El amante del rey pintado

Rey mago Baltasar con la cara pintada de negro
Foto por Marc Mañé
Ni el betún puede disimular el pavor en la cara del rey pintado. Acaban de atropellar, delante de sus propias narices, a su amante.

—¡Pero dónde está esa ambulancia! —oye gritar.

Baltasar, paralizado y perplejo, no se mueve de su trono. Sus pensamientos se confunden con el ulular de una ambulancia que, entre el alboroto de gente, ya se viene abriendo camino. Descienden de ella un par de sanitarios, a los que sólo les resta certificar la muerte del director de arte de la cabalgata de Reyes Magos.

—Los creativos, que siempre andan perdidos en su imaginación— le bromea a Baltasar uno de sus pajes negros—. Normal que le hayan atropellado, como a Gaudí. Lo mismo terminan llevándolo también a un hospital de pobres.

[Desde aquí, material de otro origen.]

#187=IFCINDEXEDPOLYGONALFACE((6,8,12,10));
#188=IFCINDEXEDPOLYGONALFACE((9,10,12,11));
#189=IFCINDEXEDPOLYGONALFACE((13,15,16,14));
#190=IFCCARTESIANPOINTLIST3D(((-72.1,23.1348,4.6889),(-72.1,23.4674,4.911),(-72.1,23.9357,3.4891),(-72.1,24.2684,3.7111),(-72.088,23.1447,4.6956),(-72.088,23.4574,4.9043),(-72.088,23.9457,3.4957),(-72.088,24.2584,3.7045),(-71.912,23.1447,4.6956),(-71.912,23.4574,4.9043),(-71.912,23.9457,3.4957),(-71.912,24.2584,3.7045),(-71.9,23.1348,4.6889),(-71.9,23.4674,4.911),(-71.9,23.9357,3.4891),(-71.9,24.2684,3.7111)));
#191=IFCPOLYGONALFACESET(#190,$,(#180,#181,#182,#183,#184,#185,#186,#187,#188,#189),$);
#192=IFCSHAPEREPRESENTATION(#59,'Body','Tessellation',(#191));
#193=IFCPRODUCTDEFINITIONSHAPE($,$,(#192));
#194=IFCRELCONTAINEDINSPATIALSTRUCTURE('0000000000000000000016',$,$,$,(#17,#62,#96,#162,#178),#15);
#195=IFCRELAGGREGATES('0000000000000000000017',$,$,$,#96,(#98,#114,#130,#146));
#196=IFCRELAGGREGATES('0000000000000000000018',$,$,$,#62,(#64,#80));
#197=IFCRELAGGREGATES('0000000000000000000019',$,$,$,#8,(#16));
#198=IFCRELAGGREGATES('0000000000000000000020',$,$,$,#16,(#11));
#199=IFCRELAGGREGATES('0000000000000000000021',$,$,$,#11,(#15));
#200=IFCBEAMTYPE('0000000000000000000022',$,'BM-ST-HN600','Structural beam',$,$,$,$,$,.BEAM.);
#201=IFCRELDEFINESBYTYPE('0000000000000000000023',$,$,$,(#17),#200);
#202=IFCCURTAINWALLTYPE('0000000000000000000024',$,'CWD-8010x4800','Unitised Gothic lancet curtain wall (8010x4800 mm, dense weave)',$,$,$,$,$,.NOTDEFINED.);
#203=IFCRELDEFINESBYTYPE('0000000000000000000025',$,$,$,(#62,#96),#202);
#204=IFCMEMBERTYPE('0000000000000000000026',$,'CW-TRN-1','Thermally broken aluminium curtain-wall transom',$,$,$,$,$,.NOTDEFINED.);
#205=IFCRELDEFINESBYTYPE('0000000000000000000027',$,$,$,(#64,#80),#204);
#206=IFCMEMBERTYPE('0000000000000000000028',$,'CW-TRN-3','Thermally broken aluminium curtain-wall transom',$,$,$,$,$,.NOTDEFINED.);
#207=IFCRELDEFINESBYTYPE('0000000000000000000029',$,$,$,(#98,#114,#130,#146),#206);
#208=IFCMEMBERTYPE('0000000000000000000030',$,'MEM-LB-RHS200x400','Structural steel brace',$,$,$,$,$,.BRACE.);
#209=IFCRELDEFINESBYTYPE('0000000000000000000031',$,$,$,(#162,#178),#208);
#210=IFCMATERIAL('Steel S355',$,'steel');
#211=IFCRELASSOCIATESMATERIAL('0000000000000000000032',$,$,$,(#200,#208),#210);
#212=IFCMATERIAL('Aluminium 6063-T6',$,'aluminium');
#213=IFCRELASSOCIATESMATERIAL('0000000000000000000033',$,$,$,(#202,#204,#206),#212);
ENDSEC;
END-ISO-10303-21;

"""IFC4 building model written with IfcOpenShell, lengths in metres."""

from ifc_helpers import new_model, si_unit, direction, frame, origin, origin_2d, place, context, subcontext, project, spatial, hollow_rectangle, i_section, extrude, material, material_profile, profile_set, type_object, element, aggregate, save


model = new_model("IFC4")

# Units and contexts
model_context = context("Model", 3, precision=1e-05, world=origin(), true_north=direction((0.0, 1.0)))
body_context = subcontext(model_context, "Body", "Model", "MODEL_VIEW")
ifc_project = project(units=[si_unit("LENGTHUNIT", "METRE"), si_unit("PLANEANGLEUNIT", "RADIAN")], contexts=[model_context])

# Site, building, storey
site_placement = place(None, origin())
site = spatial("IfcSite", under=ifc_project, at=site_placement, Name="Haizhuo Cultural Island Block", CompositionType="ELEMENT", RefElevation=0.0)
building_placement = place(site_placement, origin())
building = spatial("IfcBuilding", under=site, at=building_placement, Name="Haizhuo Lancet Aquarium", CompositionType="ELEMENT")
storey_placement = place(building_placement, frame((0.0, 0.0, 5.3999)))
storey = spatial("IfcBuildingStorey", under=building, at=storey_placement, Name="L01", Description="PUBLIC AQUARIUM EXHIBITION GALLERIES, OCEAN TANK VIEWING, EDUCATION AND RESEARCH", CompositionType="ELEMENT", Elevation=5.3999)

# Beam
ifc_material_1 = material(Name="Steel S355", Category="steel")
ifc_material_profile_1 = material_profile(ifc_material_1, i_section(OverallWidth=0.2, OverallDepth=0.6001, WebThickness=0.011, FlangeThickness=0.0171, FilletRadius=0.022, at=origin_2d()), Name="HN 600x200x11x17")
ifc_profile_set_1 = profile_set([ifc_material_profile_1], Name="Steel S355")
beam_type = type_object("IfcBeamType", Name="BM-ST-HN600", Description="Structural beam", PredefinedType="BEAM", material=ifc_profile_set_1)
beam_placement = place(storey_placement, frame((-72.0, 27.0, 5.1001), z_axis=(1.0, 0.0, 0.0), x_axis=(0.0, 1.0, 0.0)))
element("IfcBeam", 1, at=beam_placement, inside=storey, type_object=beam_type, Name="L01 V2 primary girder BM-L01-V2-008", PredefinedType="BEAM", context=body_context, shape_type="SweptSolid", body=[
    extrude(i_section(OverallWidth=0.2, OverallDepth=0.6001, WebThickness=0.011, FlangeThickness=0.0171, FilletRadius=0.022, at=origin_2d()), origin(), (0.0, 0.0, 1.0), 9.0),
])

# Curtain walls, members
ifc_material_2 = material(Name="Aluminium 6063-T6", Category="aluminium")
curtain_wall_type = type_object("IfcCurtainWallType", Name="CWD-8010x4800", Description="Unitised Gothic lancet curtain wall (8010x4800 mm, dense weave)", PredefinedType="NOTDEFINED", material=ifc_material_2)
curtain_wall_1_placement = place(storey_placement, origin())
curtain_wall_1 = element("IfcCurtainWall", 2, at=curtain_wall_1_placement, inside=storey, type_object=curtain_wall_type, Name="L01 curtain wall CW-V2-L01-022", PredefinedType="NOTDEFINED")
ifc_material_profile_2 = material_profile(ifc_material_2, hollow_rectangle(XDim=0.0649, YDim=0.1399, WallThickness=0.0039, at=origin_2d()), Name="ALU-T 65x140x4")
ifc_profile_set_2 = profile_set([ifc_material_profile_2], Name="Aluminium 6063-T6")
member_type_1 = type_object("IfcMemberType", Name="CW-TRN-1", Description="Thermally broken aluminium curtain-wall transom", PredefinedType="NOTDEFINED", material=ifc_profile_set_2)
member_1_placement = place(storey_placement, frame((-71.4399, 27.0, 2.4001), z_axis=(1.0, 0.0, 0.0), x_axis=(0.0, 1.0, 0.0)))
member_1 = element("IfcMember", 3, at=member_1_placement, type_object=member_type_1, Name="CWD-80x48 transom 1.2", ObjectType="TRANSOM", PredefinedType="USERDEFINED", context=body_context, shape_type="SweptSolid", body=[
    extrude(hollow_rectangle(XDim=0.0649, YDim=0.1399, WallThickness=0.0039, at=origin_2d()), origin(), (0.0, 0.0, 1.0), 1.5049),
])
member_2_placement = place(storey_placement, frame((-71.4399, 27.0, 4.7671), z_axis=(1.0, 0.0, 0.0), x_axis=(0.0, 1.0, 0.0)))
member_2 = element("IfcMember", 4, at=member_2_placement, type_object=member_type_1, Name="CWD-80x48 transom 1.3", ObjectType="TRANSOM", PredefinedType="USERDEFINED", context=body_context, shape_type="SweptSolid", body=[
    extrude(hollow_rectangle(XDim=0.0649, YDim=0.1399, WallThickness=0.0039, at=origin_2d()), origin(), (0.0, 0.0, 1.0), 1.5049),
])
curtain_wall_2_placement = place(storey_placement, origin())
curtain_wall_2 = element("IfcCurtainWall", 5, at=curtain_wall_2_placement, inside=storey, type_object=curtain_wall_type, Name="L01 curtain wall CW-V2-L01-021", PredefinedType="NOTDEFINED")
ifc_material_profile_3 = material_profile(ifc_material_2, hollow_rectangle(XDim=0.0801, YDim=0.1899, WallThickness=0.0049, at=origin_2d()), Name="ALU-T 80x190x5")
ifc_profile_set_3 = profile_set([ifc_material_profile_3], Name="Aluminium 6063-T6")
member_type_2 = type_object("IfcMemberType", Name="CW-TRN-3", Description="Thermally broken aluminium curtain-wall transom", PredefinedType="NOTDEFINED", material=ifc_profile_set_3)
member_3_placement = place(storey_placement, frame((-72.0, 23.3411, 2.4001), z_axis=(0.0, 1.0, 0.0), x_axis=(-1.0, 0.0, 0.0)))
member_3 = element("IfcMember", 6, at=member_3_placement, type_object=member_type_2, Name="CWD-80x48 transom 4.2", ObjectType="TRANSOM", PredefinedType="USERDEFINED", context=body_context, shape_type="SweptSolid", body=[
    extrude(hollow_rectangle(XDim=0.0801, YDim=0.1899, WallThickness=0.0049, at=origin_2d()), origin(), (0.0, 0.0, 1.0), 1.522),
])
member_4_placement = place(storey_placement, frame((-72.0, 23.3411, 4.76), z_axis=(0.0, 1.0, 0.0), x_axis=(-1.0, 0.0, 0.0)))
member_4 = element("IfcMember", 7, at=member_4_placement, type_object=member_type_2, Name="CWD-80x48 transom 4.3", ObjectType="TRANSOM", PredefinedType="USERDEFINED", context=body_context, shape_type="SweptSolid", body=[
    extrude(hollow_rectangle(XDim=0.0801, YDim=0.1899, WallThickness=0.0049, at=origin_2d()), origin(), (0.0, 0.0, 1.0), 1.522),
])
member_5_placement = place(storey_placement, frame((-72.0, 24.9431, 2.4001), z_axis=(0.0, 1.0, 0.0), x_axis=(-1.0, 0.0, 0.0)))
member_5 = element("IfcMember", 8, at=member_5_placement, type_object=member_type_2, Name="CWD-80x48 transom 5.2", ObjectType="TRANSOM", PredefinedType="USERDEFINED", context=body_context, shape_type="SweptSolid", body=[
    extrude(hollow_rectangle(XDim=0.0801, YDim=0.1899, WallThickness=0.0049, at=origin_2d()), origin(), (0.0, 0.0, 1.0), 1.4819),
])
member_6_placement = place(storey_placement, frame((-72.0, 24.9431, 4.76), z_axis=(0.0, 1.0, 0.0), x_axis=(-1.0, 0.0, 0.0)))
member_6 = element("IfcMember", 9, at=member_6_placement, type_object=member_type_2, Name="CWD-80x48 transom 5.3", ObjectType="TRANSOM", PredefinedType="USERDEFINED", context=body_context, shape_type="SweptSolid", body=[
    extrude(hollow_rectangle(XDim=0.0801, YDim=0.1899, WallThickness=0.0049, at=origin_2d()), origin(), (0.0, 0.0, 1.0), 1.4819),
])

Baltasar no sale de su trance, y el paje se siente ignorado.

Al conductor de la carroza le va a dar un síncope, de lo nervioso que está:

—No sé cómo ha podido pasar; he empezado a maniobrar y de repente lo he visto debajo de las ruedas traseras del tráiler.

Los organizadores del festejo intentan tranquilizar al chófer, tratando de pasar por encima de su crisis de ansiedad: no van a quedarse los niños sin su cabalgata de Reyes, justo ahora, que está a punto de empezar.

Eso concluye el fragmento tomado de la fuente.